# I need help planning - 45-gallon tall



## Daximus (Oct 19, 2011)

Tall tanks are sometimes tough to light up. I'd probably look at a low light setup, and plant accordingly. Look around for low light plants. 

When it comes to taller 'scapes...twiggy skinny driftwood always appeals to me.

I might caution you on the barbs...they aren't necessary aggressive per se, but I have seen a pack of them get bored and torment a slow mover, like a betta with a big fluffy tail.


----------



## Diana (Jan 14, 2010)

In that large a tank I would go with a slightly larger Cory. 
Schooling fish that do not nip are a good idea with a Betta. Maybe Harlequin Rasboras. Nice looking, school OK, not nippers. 

I have one of those tanks, too, 1-2-3-45 (1' x 2' x 3' = 45 gallons) and 'scaping is difficult, except that the tall Valisneria works well. 
An arching, lightly branched piece of wood is good, too. Not too twiggy. Put Anubias or Java Fern on it for interest mid tank or higher. 

The hardest part of that narrow a tank is to make it look 3 dimensional.


----------



## doggo (Jun 14, 2014)

This is the same tank as yours. The light is the Marineland Planted LED. Don't ask what all the plants are - I don't remember all of them! :icon_surp Can't advise on fish as all I have in this tank are Bristlenoses - adults and 3 spawns.


----------



## Zuzu (Sep 1, 2014)

@Daximus, yes, I’m definitely thinking low light, and thank you for the caution on the barbs. 

@Diana, do you think habrosus wouldn’t do well, or are you just thinking of scale in the large tank?

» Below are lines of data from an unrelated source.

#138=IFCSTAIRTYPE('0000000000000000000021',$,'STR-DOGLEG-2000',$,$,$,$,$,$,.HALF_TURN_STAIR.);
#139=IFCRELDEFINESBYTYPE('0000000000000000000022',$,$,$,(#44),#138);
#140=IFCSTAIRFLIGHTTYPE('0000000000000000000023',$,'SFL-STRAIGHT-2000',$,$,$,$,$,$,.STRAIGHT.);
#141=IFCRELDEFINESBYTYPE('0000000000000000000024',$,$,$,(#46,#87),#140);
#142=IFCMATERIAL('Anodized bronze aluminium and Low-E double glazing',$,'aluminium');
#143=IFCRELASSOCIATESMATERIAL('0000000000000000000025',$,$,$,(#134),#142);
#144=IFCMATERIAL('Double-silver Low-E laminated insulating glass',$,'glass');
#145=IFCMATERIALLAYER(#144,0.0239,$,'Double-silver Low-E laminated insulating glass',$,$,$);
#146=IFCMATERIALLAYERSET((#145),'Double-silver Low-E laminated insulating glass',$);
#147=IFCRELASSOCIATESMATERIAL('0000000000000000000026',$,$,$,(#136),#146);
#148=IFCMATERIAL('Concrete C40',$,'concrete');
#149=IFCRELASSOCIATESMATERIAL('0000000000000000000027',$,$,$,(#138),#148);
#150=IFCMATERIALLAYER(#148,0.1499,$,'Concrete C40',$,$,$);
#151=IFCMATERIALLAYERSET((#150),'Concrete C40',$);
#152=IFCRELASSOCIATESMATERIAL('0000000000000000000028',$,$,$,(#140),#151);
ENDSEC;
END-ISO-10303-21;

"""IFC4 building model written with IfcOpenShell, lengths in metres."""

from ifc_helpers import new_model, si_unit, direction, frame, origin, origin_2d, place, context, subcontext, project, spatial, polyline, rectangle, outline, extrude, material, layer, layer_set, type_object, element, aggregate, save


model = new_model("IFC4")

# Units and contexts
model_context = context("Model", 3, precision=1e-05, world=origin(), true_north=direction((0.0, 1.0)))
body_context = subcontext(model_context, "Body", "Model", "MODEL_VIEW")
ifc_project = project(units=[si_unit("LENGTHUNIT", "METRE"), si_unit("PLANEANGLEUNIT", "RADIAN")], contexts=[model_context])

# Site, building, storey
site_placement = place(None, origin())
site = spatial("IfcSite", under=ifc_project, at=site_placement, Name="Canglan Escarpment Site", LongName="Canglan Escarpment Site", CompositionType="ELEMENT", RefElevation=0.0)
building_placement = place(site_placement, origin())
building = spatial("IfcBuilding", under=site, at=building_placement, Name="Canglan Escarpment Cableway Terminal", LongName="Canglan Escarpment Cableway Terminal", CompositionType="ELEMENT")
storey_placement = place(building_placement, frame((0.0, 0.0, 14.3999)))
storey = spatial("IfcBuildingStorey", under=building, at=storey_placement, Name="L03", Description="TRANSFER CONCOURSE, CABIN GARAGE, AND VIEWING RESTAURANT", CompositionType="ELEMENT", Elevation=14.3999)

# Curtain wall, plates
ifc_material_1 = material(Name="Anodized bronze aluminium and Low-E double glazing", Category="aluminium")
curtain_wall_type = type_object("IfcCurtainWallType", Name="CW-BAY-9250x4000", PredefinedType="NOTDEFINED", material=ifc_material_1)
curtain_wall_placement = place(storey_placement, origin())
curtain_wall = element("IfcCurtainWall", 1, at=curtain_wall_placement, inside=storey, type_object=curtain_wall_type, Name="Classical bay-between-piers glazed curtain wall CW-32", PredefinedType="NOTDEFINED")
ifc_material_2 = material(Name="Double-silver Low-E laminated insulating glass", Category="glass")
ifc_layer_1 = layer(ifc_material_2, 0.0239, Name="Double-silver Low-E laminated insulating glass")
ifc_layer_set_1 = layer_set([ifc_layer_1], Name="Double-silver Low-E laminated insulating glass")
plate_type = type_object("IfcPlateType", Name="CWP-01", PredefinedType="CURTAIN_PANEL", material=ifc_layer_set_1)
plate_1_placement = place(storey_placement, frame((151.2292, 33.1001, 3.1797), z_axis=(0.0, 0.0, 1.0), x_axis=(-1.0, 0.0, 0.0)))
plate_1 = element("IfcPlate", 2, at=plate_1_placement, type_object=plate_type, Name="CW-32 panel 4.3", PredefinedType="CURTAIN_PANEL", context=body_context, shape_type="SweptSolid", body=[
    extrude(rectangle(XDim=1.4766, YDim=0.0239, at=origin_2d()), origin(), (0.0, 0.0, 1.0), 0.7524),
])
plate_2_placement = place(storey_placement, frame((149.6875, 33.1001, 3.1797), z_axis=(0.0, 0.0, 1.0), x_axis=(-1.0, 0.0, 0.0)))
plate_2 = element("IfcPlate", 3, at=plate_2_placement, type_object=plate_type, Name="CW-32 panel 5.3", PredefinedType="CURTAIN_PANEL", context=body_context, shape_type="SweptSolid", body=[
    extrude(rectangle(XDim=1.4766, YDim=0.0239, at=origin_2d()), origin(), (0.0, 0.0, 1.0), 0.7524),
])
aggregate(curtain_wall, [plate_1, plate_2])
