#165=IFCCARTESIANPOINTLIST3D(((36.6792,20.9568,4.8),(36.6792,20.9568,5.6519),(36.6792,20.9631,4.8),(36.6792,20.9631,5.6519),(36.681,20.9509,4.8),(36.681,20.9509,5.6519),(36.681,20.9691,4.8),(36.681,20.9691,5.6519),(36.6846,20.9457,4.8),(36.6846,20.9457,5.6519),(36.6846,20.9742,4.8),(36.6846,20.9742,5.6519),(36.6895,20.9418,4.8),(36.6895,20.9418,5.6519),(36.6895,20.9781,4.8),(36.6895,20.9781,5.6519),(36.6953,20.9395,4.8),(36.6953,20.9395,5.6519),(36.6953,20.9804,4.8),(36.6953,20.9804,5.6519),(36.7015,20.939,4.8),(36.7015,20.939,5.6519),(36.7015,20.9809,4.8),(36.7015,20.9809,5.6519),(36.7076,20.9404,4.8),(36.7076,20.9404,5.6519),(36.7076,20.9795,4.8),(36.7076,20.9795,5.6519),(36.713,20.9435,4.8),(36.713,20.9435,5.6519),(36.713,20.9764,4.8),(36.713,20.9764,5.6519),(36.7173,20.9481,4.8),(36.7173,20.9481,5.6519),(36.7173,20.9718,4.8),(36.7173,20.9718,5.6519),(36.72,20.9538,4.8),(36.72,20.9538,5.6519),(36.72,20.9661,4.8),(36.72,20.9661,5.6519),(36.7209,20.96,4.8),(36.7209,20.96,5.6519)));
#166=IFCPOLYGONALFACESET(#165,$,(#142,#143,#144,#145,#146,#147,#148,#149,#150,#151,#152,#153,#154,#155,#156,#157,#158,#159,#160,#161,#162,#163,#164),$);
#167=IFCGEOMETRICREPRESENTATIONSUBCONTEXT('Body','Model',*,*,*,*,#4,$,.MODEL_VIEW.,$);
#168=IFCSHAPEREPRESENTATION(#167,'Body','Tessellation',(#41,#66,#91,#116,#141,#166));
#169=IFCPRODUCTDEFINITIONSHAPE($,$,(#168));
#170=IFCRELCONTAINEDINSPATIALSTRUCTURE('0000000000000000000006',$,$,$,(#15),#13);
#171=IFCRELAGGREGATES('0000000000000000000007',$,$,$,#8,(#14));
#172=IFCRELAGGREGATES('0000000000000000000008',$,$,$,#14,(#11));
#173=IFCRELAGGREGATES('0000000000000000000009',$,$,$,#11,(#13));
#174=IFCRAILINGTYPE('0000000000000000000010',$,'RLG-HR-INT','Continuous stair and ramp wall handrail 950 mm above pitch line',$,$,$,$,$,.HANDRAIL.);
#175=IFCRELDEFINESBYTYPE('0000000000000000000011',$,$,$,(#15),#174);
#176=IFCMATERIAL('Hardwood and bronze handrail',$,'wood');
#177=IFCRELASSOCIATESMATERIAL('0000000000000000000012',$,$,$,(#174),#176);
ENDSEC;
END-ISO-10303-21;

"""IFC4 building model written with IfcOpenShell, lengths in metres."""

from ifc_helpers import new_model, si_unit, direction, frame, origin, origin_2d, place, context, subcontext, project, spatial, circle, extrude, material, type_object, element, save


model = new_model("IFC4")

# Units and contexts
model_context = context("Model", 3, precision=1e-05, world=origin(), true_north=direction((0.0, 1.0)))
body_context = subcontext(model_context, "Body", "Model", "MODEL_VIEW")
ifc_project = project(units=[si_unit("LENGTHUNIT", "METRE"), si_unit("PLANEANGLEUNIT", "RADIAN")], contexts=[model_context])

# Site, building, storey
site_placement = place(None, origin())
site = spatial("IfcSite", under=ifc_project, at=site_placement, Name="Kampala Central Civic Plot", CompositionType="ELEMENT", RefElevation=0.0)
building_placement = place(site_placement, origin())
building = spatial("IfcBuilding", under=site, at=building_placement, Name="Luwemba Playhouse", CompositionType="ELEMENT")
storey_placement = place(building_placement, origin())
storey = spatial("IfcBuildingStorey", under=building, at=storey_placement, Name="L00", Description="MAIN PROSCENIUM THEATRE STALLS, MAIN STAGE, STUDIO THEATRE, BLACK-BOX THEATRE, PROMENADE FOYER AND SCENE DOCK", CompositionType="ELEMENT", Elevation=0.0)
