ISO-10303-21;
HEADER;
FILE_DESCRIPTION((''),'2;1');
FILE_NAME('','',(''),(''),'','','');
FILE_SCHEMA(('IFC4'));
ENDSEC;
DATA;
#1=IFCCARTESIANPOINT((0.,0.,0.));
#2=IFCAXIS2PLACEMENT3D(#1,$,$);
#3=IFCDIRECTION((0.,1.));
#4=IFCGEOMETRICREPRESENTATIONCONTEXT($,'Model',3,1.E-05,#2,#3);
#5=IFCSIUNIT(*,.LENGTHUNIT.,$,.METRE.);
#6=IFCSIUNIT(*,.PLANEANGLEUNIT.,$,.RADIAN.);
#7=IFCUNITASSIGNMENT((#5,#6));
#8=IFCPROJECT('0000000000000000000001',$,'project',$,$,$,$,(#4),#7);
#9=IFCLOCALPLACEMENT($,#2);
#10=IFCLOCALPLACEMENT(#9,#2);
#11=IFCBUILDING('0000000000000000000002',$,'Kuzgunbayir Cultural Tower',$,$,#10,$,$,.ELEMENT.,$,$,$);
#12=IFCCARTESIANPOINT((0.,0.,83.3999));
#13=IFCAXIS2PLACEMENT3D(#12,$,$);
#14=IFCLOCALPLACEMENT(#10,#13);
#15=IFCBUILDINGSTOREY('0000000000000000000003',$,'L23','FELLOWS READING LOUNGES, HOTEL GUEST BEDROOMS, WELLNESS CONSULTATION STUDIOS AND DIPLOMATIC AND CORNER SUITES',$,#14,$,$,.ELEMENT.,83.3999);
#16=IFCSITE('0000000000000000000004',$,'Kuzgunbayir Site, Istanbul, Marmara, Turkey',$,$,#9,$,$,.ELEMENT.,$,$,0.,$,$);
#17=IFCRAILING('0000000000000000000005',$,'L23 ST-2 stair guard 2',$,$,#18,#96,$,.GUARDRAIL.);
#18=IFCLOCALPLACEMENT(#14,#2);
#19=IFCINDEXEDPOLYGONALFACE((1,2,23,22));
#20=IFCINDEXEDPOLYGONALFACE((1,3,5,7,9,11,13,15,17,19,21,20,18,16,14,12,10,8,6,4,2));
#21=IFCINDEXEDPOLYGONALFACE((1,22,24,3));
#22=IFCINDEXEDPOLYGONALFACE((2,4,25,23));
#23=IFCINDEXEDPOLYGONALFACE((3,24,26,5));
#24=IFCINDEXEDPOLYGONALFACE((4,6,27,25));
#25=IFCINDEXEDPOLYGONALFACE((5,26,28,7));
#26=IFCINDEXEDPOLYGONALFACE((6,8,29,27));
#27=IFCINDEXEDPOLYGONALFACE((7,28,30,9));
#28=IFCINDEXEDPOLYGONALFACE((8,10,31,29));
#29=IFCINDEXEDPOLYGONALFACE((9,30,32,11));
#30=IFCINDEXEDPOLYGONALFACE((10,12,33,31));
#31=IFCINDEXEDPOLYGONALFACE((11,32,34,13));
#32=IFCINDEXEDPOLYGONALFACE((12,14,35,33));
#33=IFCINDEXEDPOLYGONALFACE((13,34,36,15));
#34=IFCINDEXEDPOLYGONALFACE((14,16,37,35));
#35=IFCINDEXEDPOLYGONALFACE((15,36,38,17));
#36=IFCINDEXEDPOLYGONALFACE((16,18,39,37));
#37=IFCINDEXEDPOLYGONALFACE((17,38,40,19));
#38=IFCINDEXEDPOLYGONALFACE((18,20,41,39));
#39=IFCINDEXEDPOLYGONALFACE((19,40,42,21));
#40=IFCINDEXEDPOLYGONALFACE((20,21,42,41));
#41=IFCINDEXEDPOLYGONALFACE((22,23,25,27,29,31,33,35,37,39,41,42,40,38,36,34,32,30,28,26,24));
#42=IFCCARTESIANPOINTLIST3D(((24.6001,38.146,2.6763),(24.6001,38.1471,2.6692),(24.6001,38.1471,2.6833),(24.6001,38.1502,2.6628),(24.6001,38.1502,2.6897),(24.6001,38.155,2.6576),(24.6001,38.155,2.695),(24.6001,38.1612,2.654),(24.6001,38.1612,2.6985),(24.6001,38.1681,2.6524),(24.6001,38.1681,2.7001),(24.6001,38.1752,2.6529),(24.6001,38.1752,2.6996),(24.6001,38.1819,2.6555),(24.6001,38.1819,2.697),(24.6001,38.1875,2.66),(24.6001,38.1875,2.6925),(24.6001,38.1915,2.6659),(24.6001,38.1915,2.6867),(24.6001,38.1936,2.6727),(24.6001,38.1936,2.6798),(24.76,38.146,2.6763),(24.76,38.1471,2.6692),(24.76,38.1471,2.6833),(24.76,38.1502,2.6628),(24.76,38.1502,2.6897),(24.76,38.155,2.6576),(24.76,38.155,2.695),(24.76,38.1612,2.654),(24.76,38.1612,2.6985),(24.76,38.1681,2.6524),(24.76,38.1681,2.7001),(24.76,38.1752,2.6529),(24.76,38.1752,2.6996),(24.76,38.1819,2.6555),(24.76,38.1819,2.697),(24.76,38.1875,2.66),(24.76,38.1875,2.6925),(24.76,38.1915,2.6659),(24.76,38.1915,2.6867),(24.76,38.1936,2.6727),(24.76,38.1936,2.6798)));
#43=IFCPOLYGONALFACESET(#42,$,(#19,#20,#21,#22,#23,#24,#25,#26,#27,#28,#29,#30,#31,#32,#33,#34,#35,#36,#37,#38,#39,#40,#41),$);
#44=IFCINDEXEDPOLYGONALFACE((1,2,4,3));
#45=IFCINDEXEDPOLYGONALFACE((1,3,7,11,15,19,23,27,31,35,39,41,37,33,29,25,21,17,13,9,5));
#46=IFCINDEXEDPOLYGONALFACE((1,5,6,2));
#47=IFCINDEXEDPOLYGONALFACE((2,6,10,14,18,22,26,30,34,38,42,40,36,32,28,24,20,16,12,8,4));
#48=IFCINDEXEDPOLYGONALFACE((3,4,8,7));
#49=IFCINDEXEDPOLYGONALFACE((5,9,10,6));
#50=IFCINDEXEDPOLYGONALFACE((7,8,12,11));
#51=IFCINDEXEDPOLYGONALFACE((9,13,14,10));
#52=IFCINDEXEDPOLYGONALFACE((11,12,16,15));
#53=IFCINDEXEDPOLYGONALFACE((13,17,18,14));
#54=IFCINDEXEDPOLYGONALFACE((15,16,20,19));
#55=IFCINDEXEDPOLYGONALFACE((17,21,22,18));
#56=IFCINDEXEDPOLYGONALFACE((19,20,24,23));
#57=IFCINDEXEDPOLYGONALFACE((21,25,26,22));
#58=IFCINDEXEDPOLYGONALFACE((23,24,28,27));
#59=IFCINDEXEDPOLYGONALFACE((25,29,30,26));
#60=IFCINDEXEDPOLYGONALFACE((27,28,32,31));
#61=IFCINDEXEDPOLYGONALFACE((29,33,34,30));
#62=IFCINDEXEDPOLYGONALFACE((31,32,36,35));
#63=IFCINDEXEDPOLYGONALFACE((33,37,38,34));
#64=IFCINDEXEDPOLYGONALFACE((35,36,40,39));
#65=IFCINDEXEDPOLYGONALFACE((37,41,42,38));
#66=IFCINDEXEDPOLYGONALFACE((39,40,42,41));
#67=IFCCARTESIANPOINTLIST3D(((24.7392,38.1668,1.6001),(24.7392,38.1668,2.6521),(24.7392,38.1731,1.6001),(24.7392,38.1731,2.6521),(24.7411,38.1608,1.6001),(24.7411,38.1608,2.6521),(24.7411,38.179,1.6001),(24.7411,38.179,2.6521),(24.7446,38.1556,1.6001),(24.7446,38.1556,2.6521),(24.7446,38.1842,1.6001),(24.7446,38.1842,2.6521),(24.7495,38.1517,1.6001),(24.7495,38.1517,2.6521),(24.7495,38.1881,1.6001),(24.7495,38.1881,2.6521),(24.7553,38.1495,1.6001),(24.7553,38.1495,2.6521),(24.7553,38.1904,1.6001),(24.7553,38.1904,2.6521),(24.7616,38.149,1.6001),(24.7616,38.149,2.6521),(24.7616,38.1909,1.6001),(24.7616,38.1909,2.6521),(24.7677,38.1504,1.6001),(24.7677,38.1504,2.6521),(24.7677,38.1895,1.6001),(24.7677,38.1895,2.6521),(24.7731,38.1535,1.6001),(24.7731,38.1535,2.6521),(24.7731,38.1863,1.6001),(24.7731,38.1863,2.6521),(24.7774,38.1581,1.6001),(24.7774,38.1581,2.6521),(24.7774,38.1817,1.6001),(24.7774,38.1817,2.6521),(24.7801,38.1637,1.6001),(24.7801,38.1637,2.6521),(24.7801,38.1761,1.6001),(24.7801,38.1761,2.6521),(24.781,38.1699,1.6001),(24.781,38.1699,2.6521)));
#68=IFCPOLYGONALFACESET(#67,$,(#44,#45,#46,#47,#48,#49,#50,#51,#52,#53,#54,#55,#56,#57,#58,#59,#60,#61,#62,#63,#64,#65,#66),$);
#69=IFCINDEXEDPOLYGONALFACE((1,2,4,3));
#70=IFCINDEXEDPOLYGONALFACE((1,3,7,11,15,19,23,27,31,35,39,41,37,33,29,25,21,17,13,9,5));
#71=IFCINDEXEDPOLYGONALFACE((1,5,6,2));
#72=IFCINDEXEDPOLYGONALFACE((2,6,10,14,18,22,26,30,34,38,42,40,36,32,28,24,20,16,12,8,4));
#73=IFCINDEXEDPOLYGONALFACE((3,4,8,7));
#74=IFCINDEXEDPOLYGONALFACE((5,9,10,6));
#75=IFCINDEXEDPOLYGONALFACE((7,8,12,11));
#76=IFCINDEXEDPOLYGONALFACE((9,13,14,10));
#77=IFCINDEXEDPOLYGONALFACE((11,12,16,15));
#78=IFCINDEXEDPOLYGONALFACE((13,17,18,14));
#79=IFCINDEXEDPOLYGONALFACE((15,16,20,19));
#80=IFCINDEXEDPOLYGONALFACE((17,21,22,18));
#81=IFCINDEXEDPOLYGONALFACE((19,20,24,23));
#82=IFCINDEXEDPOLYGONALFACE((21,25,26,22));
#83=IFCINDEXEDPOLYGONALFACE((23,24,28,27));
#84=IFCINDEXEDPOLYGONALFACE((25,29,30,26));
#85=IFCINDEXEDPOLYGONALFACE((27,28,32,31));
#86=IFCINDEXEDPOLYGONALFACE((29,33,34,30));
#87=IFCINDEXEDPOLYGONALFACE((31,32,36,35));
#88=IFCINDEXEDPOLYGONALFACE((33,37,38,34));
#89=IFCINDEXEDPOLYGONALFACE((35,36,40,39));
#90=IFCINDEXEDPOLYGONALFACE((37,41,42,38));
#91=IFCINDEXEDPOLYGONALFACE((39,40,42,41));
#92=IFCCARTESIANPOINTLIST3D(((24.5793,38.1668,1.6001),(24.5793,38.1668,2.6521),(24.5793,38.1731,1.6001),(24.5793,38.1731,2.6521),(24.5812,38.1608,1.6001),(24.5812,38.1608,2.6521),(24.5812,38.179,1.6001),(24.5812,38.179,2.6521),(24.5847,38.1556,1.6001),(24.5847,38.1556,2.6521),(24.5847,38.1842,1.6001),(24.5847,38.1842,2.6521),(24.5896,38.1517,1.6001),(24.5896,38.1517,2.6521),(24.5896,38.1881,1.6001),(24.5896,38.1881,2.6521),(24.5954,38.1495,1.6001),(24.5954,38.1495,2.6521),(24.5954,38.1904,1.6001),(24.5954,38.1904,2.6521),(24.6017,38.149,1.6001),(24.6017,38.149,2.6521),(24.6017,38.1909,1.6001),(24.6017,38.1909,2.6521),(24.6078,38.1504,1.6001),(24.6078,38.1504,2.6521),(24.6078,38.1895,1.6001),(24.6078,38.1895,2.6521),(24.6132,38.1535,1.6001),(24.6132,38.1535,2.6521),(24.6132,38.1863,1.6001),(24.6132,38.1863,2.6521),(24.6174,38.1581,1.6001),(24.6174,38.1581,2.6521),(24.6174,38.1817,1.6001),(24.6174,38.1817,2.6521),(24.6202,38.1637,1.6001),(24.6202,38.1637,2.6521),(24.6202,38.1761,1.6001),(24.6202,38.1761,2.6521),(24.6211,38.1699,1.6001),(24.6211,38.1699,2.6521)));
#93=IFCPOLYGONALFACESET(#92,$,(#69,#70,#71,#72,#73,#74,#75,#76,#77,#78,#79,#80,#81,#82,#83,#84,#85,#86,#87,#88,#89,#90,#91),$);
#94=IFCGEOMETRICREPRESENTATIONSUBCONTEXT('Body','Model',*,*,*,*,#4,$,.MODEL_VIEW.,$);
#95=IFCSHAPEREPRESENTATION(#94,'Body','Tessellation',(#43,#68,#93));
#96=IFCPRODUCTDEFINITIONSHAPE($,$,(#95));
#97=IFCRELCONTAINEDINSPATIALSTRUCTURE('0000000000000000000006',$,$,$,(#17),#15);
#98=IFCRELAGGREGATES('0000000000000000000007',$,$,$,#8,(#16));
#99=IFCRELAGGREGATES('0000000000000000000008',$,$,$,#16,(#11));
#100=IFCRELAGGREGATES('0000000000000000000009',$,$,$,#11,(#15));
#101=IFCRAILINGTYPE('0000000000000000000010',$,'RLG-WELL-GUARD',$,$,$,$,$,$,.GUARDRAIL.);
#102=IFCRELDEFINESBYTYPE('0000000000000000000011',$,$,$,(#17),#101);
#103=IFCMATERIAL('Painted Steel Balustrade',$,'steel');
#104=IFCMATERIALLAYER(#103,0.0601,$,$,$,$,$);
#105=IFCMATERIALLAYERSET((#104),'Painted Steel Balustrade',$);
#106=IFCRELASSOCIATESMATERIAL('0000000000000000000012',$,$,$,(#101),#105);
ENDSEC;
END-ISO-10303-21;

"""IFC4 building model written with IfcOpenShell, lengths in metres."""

from ifc_helpers import new_model, si_unit, direction, frame, origin, origin_2d, place, context, subcontext, project, spatial, circle, extrude, material, layer, layer_set, type_object, element, save


model = new_model("IFC4")

# Units and contexts
model_context = context("Model", 3, precision=1e-05, world=origin(), true_north=direction((0.0, 1.0)))
body_context = subcontext(model_context, "Body", "Model", "MODEL_VIEW")
ifc_project = project(units=[si_unit("LENGTHUNIT", "METRE"), si_unit("PLANEANGLEUNIT", "RADIAN")], contexts=[model_context])

# Site, building, storey
site_placement = place(None, origin())
site = spatial("IfcSite", under=ifc_project, at=site_placement, Name="Kuzgunbayir Site, Istanbul, Marmara, Turkey", CompositionType="ELEMENT", RefElevation=0.0)
building_placement = place(site_placement, origin())
building = spatial("IfcBuilding", under=site, at=building_placement, Name="Kuzgunbayir Cultural Tower", CompositionType="ELEMENT")
storey_placement = place(building_placement, frame((0.0, 0.0, 83.3999)))
storey = spatial("IfcBuildingStorey", under=building, at=storey_placement, Name="L23", Description="FELLOWS READING LOUNGES, HOTEL GUEST BEDROOMS, WELLNESS CONSULTATION STUDIOS AND DIPLOMATIC AND CORNER SUITES", CompositionType="ELEMENT", Elevation=83.3999)

# Railing
ifc_material_1 = material(Name="Painted Steel Balustrade", Category="steel")
ifc_layer_1 = layer(ifc_material_1, 0.0601)
ifc_layer_set_1 = layer_set([ifc_layer_1], Name="Painted Steel Balustrade")
railing_type_1 = type_object("IfcRailingType", Name="RLG-WELL-GUARD", PredefinedType="GUARDRAIL", material=ifc_layer_set_1)
railing_1_placement = place(storey_placement, frame((24.76, 38.1699, 1.6001)))
element("IfcRailing", 1, at=railing_1_placement, inside=storey, type_object=railing_type_1, Name="L23 ST-2 stair guard 2", PredefinedType="GUARDRAIL", context=body_context, shape_type="SweptSolid", body=[
    extrude(circle(Radius=0.0239, at=origin_2d()), frame((0.0, 0.0, 1.0762), z_axis=(-1.0, 0.0, 0.0), x_axis=(0.0, -1.0, 0.0)), (0.0, 0.0, 1.0), 0.1599),
    extrude(circle(Radius=0.021, at=origin_2d()), origin(), (0.0, 0.0, 1.0), 1.052),
    extrude(circle(Radius=0.021, at=origin_2d()), frame((-0.1599, 0.0, 0.0)), (0.0, 0.0, 1.0), 1.052),
])

save(model, "model.ifc")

The habrosus appeal to me because of their appearance and, from what I’ve read, they stick to bottom dwelling. 

I’m certain I will have vals, just not sure what kind yet. Is there a type that has, like, a loose corkscrew to it? (Does that even make sense? LOL)

I’m on the lookout for driftwood and leaning heavily toward manzanita. I love the two-tone look and like how the branches can add “movement” to a tank. On the other hand, Mopani is a lot easier for me to find locally, which would save on shipping.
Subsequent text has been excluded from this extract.